The authors obviously put the constitutional text at the top of their ranking of values. However, there are other values in politics. The U.S. Constitution itself in its Preamble proposes pre-constitutional values in support of achieving which the Constitution was proposed as a means, not presumably as an end in itself. 

In any case, one pre-constitutional political value is democracy. Following aspects of the classical political tradition and the creative theorizing of my grad school professor, Sheldon Wolin, I value democracy not just as a system of elections but as a more total political experience in which ordinary citizens are empowered to participate as true political actors. That said, what is at issue here is elections - that is, the right of citizens to choose those to be entrusted with public office. (It is in support of this value that I have always opposed term limits and disapprove of the 22nd amendment.) 

Electoral democracy is not an ideal or perfect form of government. The U.S. has been incredibly lucky in that elections have produced Thomas Jefferson, Abraham Lincoln, FDR, and Joe Biden, when the same system could conceivably have elected Aaron Burr, John Breckinridge, General George McClellan, and Charles Lindbergh, or re-elected Donald Trump. Yet, notwithstanding religious, right-wing, integralist fantasies, the alternatives actually on offer in the modern world to a system of democratic elections are all worse.

Trump, et al., in their efforts to subvert the 2020 election attacked some of the bedrock principles of a system of democratic elections. They thus eminently deserve the corresponding legal sanctions, including the application of the disqualifying clause of the 14th Amendment.

That said, there remains a case for "No."

The current criminal prosecutions of the prospective Republican presidential candidate have already taken our country into dangerous territory.

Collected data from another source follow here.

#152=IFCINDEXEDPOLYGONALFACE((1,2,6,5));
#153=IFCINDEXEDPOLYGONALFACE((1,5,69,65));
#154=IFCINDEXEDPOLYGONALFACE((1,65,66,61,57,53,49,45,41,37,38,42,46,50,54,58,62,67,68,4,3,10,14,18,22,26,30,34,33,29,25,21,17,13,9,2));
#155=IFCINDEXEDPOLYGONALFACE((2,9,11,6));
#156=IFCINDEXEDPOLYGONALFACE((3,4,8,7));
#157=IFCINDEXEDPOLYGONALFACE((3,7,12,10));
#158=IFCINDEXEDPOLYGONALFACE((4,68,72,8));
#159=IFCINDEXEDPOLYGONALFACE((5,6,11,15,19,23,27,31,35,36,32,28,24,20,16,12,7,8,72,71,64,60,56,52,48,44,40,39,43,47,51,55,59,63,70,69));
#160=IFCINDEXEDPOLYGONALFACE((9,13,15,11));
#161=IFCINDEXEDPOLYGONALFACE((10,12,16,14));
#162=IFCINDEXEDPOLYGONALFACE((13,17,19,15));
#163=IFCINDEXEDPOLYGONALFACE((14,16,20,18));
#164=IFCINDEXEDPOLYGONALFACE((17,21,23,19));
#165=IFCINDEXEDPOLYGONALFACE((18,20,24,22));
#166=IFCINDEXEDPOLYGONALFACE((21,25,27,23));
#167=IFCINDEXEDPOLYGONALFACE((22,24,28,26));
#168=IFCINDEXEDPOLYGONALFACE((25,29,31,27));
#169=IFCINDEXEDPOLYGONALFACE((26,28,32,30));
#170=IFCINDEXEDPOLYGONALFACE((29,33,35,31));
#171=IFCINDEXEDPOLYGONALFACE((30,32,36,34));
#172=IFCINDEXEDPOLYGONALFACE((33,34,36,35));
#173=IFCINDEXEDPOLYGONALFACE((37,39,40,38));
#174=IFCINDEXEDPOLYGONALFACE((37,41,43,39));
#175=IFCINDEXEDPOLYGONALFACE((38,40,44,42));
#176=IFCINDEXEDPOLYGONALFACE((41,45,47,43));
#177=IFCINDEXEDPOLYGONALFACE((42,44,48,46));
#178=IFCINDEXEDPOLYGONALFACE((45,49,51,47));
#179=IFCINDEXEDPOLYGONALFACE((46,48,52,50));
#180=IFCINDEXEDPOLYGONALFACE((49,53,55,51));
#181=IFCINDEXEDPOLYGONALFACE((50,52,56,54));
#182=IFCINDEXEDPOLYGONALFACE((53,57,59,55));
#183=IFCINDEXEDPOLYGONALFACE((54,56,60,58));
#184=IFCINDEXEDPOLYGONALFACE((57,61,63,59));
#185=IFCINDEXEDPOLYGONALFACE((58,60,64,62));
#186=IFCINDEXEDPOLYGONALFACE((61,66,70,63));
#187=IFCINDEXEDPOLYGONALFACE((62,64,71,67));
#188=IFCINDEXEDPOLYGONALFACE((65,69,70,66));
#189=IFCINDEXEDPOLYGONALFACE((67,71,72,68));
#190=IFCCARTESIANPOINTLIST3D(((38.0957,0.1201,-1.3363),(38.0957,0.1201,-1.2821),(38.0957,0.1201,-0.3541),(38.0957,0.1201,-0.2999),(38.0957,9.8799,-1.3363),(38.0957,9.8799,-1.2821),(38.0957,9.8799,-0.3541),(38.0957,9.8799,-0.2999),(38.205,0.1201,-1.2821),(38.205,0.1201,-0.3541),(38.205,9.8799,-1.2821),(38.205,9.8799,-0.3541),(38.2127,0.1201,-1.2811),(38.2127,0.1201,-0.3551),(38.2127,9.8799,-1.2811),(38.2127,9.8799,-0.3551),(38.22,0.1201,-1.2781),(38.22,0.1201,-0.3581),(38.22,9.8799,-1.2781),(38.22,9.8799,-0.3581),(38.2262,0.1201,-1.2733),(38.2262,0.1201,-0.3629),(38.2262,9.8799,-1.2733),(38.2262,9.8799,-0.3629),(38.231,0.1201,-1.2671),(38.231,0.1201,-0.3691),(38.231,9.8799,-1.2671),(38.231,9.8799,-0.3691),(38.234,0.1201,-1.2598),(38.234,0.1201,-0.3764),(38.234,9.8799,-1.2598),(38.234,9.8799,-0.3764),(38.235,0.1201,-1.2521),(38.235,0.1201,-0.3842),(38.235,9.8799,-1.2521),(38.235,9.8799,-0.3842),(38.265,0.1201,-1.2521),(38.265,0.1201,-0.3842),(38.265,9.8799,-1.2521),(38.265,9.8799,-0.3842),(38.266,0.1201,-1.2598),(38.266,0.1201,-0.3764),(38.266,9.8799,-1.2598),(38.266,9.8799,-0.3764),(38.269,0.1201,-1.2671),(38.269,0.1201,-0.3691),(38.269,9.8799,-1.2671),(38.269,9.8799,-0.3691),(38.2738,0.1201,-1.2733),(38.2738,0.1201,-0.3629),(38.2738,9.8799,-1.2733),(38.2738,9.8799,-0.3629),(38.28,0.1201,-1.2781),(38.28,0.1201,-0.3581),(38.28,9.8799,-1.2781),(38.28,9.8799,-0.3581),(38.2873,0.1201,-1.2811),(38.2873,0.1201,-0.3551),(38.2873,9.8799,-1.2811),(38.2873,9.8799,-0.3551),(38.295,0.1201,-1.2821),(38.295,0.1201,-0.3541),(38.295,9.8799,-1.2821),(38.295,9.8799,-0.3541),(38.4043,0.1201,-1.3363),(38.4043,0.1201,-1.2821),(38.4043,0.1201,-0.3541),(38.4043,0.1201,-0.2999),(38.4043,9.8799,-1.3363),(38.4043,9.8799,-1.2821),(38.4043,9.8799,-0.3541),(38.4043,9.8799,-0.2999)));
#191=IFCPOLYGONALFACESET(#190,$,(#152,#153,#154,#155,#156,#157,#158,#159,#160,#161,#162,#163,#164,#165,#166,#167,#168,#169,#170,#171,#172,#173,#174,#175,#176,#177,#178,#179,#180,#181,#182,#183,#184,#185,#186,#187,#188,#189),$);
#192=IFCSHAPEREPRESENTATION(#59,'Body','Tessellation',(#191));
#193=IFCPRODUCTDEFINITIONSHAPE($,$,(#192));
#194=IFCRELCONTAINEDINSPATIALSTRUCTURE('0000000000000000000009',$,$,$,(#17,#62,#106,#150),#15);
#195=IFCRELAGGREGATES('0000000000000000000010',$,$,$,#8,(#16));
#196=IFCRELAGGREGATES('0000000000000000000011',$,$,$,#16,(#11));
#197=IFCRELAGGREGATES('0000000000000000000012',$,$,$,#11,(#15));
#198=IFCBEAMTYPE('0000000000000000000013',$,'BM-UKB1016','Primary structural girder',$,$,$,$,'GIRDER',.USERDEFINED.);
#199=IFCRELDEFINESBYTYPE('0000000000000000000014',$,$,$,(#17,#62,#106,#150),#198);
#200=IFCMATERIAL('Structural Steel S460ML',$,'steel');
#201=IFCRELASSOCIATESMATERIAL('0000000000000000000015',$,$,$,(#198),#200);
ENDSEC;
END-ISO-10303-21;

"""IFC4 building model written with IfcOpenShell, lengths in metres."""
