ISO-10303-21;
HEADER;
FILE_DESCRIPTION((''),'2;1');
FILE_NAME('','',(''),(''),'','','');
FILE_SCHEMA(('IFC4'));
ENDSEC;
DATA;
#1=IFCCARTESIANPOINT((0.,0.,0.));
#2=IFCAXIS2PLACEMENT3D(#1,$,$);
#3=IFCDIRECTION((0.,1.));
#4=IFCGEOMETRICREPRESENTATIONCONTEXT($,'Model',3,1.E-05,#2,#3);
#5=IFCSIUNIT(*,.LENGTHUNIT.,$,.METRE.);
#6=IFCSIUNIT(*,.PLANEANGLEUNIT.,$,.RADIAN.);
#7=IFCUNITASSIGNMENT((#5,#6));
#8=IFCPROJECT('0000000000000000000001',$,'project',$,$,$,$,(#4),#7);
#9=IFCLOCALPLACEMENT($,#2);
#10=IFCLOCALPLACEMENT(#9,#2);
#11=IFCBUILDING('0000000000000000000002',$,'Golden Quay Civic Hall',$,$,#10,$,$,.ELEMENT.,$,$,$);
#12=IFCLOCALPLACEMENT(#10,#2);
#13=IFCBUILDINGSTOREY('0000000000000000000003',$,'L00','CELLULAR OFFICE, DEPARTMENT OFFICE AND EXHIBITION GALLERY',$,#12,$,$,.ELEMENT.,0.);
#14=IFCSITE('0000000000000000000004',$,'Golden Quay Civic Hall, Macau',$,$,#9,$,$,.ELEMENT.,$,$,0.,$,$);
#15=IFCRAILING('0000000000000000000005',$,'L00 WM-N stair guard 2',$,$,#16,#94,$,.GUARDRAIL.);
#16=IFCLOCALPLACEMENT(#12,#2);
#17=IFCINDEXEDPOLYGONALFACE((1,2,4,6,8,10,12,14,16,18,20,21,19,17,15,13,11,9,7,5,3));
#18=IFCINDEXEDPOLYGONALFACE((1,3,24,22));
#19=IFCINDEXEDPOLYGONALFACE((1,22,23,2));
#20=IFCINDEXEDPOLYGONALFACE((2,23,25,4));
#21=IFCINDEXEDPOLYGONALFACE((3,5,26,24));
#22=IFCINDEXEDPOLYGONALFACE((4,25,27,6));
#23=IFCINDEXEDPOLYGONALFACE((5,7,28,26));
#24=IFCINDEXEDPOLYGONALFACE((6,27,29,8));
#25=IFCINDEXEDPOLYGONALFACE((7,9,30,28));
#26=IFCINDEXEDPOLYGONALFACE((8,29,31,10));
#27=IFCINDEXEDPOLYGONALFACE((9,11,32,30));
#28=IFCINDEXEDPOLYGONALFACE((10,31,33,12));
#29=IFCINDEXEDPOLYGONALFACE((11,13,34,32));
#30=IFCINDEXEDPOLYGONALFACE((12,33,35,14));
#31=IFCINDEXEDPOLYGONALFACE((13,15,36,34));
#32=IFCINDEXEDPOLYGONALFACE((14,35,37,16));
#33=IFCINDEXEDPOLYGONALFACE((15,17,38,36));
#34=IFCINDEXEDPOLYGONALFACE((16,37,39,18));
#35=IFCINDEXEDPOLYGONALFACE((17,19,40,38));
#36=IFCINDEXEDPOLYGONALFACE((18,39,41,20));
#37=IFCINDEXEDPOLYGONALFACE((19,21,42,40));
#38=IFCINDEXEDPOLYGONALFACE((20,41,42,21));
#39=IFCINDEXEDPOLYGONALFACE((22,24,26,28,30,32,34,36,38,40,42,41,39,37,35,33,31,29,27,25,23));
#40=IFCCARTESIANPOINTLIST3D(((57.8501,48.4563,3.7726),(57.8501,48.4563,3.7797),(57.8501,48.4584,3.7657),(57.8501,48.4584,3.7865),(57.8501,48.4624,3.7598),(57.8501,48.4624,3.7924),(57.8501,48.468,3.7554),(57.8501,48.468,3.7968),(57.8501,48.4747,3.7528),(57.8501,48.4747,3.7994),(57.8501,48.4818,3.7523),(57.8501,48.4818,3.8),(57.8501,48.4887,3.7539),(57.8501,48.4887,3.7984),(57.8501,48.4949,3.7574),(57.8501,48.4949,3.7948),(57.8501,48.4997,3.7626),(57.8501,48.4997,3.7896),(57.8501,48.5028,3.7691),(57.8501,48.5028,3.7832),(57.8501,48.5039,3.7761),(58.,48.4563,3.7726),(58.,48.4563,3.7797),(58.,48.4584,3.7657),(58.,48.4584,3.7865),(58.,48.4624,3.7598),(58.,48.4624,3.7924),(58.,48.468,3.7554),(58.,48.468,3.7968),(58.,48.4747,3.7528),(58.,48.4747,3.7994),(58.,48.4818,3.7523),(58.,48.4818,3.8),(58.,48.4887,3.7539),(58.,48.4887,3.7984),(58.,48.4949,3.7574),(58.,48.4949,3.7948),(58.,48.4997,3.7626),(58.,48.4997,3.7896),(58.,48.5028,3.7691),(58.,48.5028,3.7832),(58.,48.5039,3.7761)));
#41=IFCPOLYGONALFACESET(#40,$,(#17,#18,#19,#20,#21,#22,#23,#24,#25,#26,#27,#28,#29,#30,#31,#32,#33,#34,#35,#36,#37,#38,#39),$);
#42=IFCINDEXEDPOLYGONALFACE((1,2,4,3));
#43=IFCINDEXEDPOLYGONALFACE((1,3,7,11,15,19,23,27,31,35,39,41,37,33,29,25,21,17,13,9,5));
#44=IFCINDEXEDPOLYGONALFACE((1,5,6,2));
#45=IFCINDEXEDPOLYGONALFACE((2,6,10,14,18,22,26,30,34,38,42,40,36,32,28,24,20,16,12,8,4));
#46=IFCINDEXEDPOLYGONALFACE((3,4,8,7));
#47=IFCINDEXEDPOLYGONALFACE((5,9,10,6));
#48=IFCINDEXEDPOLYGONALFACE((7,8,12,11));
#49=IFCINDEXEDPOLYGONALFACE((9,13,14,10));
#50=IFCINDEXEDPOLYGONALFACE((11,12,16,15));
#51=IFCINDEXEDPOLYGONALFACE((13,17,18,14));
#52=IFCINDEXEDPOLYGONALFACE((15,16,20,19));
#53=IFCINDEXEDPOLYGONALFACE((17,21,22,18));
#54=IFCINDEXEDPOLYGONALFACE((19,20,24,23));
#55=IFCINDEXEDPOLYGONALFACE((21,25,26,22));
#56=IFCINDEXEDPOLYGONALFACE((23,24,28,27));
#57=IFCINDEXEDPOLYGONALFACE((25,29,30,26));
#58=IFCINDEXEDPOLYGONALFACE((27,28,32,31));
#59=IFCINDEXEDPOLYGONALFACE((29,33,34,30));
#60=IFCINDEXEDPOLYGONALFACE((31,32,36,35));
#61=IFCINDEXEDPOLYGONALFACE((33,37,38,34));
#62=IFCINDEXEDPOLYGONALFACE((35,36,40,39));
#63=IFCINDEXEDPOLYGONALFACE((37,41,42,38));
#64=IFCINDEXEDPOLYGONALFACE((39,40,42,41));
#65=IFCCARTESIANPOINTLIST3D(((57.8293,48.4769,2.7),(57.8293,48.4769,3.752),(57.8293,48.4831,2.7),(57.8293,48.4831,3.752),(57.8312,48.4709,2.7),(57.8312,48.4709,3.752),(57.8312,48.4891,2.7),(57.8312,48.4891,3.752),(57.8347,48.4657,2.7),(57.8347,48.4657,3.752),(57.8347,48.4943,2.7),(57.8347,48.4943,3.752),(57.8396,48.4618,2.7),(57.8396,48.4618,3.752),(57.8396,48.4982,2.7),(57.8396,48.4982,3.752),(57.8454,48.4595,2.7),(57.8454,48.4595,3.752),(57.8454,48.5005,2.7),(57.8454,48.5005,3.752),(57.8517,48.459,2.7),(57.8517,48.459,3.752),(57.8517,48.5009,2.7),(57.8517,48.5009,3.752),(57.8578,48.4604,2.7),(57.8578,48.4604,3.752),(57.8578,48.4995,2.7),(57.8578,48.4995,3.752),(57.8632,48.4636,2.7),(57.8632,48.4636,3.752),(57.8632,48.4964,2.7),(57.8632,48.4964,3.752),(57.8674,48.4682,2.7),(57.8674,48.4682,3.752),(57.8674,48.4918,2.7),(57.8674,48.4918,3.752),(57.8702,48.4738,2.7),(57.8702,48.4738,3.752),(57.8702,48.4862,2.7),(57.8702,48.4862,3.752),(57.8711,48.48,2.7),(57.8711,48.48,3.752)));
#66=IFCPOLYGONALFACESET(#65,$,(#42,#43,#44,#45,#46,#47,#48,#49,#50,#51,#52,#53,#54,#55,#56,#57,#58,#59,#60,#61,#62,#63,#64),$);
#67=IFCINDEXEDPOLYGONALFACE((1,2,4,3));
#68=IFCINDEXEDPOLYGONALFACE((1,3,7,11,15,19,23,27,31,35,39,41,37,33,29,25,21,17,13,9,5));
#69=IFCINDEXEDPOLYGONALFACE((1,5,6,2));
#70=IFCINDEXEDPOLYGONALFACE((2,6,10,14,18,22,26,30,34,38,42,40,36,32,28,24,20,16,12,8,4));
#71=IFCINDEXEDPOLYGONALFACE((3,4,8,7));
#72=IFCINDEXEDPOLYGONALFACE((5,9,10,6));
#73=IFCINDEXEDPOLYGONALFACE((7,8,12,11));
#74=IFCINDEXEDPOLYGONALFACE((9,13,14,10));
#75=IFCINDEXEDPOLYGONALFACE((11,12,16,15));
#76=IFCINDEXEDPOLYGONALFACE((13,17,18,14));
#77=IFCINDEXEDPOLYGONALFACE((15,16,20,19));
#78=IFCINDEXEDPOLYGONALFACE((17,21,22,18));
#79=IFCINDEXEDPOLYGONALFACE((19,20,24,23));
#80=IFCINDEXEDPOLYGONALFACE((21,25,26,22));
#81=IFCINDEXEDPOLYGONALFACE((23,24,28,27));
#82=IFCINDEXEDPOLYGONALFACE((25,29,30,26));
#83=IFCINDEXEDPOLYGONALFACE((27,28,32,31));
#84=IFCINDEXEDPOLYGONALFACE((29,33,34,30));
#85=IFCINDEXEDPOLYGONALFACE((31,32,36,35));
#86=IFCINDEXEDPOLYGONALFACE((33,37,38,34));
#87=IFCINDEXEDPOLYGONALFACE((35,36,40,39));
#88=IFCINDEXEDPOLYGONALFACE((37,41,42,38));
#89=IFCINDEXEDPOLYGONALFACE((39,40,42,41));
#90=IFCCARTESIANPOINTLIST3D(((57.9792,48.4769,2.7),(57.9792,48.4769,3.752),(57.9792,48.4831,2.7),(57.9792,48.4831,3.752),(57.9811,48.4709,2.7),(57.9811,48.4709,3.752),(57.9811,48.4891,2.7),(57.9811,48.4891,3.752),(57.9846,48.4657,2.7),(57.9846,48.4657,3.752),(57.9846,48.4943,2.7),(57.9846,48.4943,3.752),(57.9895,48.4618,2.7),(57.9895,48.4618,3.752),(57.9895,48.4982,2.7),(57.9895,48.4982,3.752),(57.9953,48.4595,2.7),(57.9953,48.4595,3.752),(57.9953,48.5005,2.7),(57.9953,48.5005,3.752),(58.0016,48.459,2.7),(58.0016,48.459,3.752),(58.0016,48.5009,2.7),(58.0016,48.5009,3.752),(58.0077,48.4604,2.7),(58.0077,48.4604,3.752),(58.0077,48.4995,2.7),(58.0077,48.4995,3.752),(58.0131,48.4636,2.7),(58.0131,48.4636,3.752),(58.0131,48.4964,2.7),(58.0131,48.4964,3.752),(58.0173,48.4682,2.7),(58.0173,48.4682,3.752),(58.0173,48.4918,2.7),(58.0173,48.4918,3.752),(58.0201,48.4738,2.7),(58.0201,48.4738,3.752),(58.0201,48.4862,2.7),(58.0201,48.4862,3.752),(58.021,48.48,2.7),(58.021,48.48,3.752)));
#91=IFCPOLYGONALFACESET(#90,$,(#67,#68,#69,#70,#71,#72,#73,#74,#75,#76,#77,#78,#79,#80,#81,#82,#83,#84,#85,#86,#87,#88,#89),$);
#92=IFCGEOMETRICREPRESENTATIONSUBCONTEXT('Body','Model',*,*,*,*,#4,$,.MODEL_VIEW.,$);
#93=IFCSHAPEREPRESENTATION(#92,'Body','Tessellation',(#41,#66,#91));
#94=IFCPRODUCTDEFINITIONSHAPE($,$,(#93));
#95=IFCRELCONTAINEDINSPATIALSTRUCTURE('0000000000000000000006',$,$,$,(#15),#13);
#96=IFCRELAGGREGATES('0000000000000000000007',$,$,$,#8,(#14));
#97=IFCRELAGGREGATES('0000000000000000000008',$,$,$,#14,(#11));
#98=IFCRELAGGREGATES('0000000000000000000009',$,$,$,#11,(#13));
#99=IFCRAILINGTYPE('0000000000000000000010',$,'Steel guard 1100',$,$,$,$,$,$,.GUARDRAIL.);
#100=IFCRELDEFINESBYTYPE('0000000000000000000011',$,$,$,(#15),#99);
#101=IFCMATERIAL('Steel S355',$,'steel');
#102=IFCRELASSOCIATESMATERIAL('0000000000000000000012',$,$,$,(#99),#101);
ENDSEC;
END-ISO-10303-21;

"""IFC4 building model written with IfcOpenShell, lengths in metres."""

from ifc_helpers import new_model, si_unit, direction, frame, origin, origin_2d, place, context, subcontext, project, spatial, circle, extrude, material, type_object, element, save


model = new_model("IFC4")

# Units and contexts
model_context = context("Model", 3, precision=1e-05, world=origin(), true_north=direction((0.0, 1.0)))
body_context = subcontext(model_context, "Body", "Model", "MODEL_VIEW")
ifc_project = project(units=[si_unit("LENGTHUNIT", "METRE"), si_unit("PLANEANGLEUNIT", "RADIAN")], contexts=[model_context])

# Site, building, storey
site_placement = place(None, origin())
site = spatial("IfcSite", under=ifc_project, at=site_placement, Name="Golden Quay Civic Hall, Macau", CompositionType="ELEMENT", RefElevation=0.0)
building_placement = place(site_placement, origin())
building = spatial("IfcBuilding", under=site, at=building_placement, Name="Golden Quay Civic Hall", CompositionType="ELEMENT")
storey_placement = place(building_placement, origin())
storey = spatial("IfcBuildingStorey", under=building, at=storey_placement, Name="L00", Description="CELLULAR OFFICE, DEPARTMENT OFFICE AND EXHIBITION GALLERY", CompositionType="ELEMENT", Elevation=0.0)

# Railing
ifc_material_1 = material(Name="Steel S355", Category="steel")
railing_type_1 = type_object("IfcRailingType", Name="Steel guard 1100", PredefinedType="GUARDRAIL", material=ifc_material_1)
railing_1_placement = place(storey_placement, frame((57.8501, 48.48, 2.7)))
element("IfcRailing", 1, at=railing_1_placement, inside=storey, type_object=railing_type_1, Name="L00 WM-N stair guard 2", PredefinedType="GUARDRAIL", context=body_context, shape_type="SweptSolid", body=[
    extrude(circle(Radius=0.0239, at=origin_2d()), frame((0.0, 0.0, 1.0762), z_axis=(1.0, 0.0, 0.0), x_axis=(0.0, 1.0, 0.0)), (0.0, 0.0, 1.0), 0.1499),
    extrude(circle(Radius=0.021, at=origin_2d()), origin(), (0.0, 0.0, 1.0), 1.052),
    extrude(circle(Radius=0.021, at=origin_2d()), frame((0.1499, 0.0, 0.0)), (0.0, 0.0, 1.0), 1.052),
])

save(model, "model.ifc")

True, the system survived the Wilson Administration's prosecution of minor party opponent Eugene Debbs.  It may well survive the Biden Administration's prosecution of its principal political opponent, but how well and at what cost? I am no expert in Israeli politics. I cannot help wondering, however, whether the current crisis in Israel might have been avoided or at least taken a less dangerous turn if the legal system had not insisted on trying to prosecute the Prime Minister. Will Israel be better off because the Prime Minister must make alliances and pursue many unpopular policies in order to circumvent possible prosecution? Perhaps, but perhaps not.

So, while the authors' conservative, constitutional, originalist, textualist argument in favor of using section 3 to disqualify Trump's candidacy may be legally correct, it may yet prove politically problematic in ways which will further undermine our democratic system rather than support it.  The fact that Trump may be the preferred choice of a significant minority of American citizens speaks volumes about aspects of American society that I believe are radically wrong. But I do not see how depriving those citizens of the right to vote for the candidate of their choice in the long run corrects any of those wrongs. I remain convinced that the best way to exorcise the Trump factor from American politics is a decisive electoral defeat.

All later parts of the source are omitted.